Mortgage interest rates hit bottom again, with the 30-year term falling to 3.79%
Mortgage interest rates hit the bottom again, with the 30-year term falling to 3.79%. Mortgage interest rates have hit record lows for three consecutive weeks. According to the mortgage company Freddie Mac (Fred…
Mortgage interest rates hit the bottom again, with the 30-year mortgage rate falling to 3.79%. Mortgage interest rates have hit the lowest record for three consecutive weeks. According to a weekly survey by the mortgage company Freddie Mac., the U.S. 30-year and 15-year mortgage fixed interest rates fell by 0.04% and 0.01% respectively. The most popular 30-year mortgage in the U.S. has dropped to 3.79%, 0.04% below last year’s average. On a $100,000 mortgage, the new low could save borrowers $50 per month, for a total savings of $21,874 over the 30-year term. The 15-year fixed rate on most home refinances is now down to 3.04%, down from 3.82% a year ago.
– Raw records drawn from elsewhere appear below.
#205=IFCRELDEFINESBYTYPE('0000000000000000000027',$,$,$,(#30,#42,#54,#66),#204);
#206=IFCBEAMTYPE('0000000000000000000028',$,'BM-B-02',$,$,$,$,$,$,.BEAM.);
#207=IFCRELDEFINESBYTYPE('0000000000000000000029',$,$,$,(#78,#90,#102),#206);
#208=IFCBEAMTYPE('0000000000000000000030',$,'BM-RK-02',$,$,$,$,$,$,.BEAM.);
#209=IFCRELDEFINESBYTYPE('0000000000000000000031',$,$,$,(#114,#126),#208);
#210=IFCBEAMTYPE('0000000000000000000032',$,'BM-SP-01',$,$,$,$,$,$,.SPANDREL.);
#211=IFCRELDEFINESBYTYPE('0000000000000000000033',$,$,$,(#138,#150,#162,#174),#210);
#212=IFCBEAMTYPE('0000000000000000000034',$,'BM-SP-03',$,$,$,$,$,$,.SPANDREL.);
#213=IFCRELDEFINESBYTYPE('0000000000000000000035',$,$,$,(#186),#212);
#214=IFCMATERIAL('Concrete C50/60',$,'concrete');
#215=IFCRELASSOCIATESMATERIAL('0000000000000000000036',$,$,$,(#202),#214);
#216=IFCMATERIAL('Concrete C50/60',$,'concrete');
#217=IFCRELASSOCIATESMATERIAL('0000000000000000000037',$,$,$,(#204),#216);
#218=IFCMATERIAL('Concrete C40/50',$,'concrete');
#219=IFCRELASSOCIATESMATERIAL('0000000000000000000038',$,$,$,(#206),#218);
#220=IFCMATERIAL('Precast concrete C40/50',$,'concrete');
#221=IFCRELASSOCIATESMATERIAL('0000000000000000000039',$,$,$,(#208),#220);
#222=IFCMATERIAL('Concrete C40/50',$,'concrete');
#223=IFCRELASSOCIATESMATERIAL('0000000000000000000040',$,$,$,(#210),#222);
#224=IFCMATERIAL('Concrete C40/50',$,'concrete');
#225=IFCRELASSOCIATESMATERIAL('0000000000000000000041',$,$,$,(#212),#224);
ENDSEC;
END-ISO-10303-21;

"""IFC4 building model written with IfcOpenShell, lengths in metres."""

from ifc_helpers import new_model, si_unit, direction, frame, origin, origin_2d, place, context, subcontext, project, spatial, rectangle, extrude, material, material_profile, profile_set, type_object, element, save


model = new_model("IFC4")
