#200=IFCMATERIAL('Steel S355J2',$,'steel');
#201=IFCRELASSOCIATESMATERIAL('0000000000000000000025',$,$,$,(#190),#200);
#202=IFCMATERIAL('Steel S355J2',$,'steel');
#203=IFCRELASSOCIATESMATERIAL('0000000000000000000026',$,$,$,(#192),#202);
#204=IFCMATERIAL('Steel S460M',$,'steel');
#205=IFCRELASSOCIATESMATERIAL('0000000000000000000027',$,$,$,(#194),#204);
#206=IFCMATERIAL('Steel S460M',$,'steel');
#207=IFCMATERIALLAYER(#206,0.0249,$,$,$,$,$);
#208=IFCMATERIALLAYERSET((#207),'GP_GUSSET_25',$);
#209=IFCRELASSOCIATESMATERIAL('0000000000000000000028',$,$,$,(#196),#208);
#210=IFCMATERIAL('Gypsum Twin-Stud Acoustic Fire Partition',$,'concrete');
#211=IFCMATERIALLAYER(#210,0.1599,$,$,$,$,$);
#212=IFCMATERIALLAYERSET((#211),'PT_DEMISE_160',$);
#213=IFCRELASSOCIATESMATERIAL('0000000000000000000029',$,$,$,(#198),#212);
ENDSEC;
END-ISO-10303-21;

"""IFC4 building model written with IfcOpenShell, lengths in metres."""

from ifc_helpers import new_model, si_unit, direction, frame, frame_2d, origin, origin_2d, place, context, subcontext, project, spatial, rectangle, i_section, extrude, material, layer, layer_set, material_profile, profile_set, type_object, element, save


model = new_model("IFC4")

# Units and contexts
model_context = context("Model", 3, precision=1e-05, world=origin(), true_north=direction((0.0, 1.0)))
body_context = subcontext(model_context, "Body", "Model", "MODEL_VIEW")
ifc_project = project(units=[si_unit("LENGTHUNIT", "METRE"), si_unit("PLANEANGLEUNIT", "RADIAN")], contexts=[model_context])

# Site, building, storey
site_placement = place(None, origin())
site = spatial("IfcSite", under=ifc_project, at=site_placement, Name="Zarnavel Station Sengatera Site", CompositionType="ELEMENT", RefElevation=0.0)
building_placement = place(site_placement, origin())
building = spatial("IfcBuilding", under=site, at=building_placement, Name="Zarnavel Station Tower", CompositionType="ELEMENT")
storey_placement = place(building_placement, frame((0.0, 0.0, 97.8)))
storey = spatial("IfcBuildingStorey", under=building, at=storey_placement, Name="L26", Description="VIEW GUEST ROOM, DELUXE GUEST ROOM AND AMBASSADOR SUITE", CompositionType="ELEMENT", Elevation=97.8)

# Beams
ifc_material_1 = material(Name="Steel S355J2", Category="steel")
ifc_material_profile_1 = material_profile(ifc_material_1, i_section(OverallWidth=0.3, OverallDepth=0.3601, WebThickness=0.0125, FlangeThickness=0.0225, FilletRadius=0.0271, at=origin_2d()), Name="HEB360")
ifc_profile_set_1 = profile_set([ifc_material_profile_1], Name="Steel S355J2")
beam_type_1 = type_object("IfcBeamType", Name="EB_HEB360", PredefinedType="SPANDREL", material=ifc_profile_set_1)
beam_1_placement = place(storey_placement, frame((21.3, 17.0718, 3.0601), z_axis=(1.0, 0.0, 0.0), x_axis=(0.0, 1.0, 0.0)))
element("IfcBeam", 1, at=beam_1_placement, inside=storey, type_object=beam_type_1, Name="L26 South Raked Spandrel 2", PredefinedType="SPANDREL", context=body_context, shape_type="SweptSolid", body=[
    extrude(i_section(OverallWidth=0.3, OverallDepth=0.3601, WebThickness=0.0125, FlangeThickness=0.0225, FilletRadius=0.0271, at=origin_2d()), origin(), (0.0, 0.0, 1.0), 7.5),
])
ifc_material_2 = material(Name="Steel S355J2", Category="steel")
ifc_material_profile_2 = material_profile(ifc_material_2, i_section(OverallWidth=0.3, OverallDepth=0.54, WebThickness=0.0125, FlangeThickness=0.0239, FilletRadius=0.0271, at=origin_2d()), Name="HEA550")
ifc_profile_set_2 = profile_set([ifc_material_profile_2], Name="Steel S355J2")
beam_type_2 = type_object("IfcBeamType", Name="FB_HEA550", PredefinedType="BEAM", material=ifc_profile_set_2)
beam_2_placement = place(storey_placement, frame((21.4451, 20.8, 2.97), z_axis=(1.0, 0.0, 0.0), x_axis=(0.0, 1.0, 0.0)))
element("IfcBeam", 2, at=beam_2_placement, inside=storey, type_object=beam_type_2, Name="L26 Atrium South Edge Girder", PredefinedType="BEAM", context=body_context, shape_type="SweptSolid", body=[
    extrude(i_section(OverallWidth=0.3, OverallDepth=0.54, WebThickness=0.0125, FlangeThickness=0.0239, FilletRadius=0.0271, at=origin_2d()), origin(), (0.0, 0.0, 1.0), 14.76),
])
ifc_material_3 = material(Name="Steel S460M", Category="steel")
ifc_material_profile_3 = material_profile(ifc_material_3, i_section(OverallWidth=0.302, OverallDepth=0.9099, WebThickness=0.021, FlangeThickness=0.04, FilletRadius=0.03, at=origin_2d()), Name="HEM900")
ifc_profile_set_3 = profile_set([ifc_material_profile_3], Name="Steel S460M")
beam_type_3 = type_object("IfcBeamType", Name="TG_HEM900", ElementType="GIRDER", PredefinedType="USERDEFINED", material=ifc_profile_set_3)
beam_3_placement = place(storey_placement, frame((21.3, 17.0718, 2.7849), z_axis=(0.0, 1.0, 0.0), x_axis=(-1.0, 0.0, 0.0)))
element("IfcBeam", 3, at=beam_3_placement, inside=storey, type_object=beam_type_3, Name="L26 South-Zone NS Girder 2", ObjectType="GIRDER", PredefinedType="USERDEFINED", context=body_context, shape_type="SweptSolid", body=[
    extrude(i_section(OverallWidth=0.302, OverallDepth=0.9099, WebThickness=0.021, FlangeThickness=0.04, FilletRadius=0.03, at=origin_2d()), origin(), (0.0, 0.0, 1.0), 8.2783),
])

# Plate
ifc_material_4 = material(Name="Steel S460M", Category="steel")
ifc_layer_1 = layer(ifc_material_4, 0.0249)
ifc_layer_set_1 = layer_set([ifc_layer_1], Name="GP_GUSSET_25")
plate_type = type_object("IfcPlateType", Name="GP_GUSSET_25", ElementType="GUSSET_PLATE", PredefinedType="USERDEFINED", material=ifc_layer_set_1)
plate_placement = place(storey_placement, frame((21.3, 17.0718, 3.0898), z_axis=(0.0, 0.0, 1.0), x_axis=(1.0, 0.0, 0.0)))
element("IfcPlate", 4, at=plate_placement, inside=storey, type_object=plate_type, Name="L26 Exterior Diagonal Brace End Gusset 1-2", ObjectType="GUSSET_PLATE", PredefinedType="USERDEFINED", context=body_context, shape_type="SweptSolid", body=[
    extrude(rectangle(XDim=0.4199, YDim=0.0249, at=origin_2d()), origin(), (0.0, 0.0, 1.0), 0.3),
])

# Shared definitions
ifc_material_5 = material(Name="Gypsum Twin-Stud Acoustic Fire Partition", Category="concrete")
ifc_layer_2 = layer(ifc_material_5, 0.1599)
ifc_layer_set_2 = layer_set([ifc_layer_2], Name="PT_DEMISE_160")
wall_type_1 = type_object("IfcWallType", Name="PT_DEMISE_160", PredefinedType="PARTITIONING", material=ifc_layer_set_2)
For a $100,000 loan, borrowers are paying $693 per month, which is $38 less than last year. According to Freddie Mac chief economist Noshaft, although the U.S. economic index is not performing badly, with industrial output, consumer confidence index and the number of new homes all growing, the shadow of continued economic turmoil in Europe still lingers, causing U.S. Treasury bill yields and mortgage interest rates to fall again. Falling home prices, coupled with affordable mortgage rates, should help stimulate the U.S. housing market, which is now nearly half what it was at the height of the housing bubble in mid-2006, when the median home price in the U.S. was $250,000 and the 30-year mortgage rate was 6.75%. A homeowner who bought a house in 2006, assuming a 20% down payment, would have paid $1,300 per month. Today, the median home price is $162,000, and a homeowner at this price would pay only $600 per month, about half less.